# Tweaking the iPhone



## Blake Bowden (Jan 16, 2011)

Been using the i4 while the evo is in the shop...you know me.....gotta tinker:

iPhone 4 32gig
Jailbroken via Redsn0w

Installed Cydia Apps:
MyWi (Turns the iPhone into a mobile hotspot)
My3G (Facetime via 3G...yay!)
SublimelockHD Lockscreen (Displays time, weather, date, etc.)
iFile (Browse files)
Terminal (Duh)
Winterboard (Custom themes, icons, etc.)
Glossica Theme
Color Signal Bars
EPHD Sound Pack
EPHD Theme (Retina display supported)


----------



## JTM (Jan 16, 2011)

tweaking your phone at 1:28 AM.  nice.


----------



## Blake Bowden (Jan 16, 2011)

JTM said:
			
		

> tweaking your phone at 1:28 AM.  nice.



Taking screen shots at 1:28 AM hah


----------



## Christopher Parker (Jan 20, 2011)

Blake Bowden said:


> Taking screen shots at 1:28 AM hah


 
What better time to "tweak" your iPhone and take screenshots?


----------



## jhodgdon (Jan 25, 2011)

Glad to see I'm not the only nerd here 


----------



## Dave in Waco (Jan 25, 2011)

jhodgdon said:


> Glad to see I'm not the only nerd here 



I think you are in pretty good company here.


----------



## Plustax (Jan 25, 2011)

ok... question for someone not too keen on the Masons for Texas iphone app.........  How do I get rid of the #1 that has now popped up next to my icon. I keep looking to see if there is maybe a message that was sent to me, but I don't see anything anywhere. Perhaps I'm looking in the wrong place?  Any help is appreciated..... thanks.


----------



## Christopher Parker (Jan 25, 2011)

jhodgdon said:
			
		

> Glad to see I'm not the only nerd here 



I, Brother, am a dork.


----------



## Bro. Bennett (Jan 25, 2011)

Blake Bowden said:


> Been using the i4 while the evo is in the shop...you know me.....gotta tinker:
> 
> iPhone 4 32gig
> Jailbroken via Redsn0w
> ...


I sure wish I knew how to do stuff like that....


----------



## Bro.BruceBenjamin (Jan 25, 2011)

jhodgdon said:


> Glad to see I'm not the only nerd here 



Hey some of us get paid to be nerds lol.


----------



## Cgripper (Jan 25, 2011)

I love my iphone4. But if AT&T doesn't  clean up it's act mine is going to be jail broken real soon too.


----------



## Colt.barker (Jan 25, 2011)

Can you tell me how to do that to mine? I have an Iphone 4 with the newest update though..i think i have to downgrade...  Any way let me know how to do that, im tired of being chained by At&T and apple. lol. I also want to unlock it so i can use it with another service


----------



## Bro. Kurt P.M. (Jan 26, 2011)

I'm not brave enough to jailbreak mine yet. At this point I'm at the "if it ain't broke don't fix it stage".

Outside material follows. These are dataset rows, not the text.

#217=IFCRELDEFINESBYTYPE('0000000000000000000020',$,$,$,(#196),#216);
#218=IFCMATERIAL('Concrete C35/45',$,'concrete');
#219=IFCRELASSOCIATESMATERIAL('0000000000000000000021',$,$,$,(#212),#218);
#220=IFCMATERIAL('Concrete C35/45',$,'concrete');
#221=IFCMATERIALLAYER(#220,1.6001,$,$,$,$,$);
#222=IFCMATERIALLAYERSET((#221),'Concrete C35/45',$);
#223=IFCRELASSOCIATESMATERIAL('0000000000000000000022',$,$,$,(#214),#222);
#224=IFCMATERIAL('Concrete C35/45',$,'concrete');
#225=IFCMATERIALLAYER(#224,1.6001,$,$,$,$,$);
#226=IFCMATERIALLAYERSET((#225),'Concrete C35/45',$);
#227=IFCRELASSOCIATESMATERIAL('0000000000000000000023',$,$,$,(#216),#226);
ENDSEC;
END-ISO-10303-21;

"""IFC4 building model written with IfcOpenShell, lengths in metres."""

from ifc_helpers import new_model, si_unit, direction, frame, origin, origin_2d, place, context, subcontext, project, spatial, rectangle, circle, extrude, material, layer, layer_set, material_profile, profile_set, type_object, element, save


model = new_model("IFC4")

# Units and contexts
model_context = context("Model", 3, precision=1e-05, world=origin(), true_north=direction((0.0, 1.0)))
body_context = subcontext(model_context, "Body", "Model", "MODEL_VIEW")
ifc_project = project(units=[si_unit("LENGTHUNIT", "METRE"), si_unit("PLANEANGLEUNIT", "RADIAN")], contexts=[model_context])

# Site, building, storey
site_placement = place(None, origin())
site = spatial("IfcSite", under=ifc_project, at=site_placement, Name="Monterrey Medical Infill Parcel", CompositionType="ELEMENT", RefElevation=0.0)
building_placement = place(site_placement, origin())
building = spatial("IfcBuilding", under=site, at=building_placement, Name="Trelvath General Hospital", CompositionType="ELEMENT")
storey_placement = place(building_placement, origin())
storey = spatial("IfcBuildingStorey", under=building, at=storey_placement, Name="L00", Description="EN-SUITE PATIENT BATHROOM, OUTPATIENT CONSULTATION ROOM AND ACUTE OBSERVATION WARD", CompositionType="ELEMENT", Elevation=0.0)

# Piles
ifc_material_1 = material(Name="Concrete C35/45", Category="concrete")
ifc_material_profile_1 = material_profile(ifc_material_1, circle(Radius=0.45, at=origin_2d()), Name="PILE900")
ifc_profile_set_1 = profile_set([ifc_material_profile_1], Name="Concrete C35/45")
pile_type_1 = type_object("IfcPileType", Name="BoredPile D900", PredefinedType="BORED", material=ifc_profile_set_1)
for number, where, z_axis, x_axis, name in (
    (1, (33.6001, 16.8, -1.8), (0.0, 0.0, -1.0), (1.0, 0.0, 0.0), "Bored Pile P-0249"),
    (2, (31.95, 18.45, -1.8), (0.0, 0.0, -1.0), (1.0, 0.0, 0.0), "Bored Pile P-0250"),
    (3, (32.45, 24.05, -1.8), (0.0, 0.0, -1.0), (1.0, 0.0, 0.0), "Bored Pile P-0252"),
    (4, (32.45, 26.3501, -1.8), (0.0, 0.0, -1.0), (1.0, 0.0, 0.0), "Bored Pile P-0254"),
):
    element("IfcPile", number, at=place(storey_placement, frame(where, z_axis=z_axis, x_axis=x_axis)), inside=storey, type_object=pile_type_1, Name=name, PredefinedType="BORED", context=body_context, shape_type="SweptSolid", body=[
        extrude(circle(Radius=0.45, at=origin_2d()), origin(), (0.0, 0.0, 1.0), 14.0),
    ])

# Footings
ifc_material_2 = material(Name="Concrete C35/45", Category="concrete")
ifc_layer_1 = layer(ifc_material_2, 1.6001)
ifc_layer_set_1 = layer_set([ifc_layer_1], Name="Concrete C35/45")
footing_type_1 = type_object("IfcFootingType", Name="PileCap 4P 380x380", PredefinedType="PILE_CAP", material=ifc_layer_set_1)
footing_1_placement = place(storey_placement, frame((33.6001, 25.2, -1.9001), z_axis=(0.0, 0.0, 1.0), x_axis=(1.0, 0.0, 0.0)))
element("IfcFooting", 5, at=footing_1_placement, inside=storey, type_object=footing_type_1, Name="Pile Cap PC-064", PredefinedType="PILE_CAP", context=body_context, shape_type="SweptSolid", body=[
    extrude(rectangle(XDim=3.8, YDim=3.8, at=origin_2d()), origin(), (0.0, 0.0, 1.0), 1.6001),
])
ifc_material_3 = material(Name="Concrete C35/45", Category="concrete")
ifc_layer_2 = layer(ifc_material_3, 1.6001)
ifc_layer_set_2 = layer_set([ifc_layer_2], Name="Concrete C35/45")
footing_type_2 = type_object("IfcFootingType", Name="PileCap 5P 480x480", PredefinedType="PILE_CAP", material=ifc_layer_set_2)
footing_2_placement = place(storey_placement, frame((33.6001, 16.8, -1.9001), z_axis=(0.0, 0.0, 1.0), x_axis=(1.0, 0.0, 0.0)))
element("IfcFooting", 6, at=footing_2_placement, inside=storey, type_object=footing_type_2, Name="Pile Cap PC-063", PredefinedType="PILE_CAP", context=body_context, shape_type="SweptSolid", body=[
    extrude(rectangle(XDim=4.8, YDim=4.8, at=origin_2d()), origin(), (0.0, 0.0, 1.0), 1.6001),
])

But ... it is pulling at my coat tail


----------



## Dave in Waco (Jan 26, 2011)

Plustax said:


> ok... question for someone not too keen on the Masons for Texas iphone app......... How do I get rid of the #1 that has now popped up next to my icon. I keep looking to see if there is maybe a message that was sent to me, but I don't see anything anywhere. Perhaps I'm looking in the wrong place? Any help is appreciated..... thanks.



It's probably an old post that was never read.  There should be an option to set everything as read, which will take care of it.


----------



## Blake Bowden (Jan 26, 2011)

Tada!






BTW, I use redsnow to jailbreak:

iPad Jailbreak 4.2.1 With RedsnOw | TCGeeks

Not the best, but it works.


----------



## Colt.barker (Jan 26, 2011)

You can use the ipad jailbreak on the iphone 4?


----------



## Blake Bowden (Jan 26, 2011)

Yup. If you're wanting to jailbreak, hold out for 4.3. It's right around the corner.


----------



## jhodgdon (Jan 27, 2011)

I jailbroke my iPhone 3G with redsnow but it ran alot slower so I restored it. The jailbreak apps are awesome though. Finally got a 4 so I'm waiting to see a good jailbreak for it

---------- Post added at 10:01 PM ---------- Previous post was at 09:58 PM ----------




			
				Bro.BruceBenjamin said:
			
		

> Hey some of us get paid to be nerds lol.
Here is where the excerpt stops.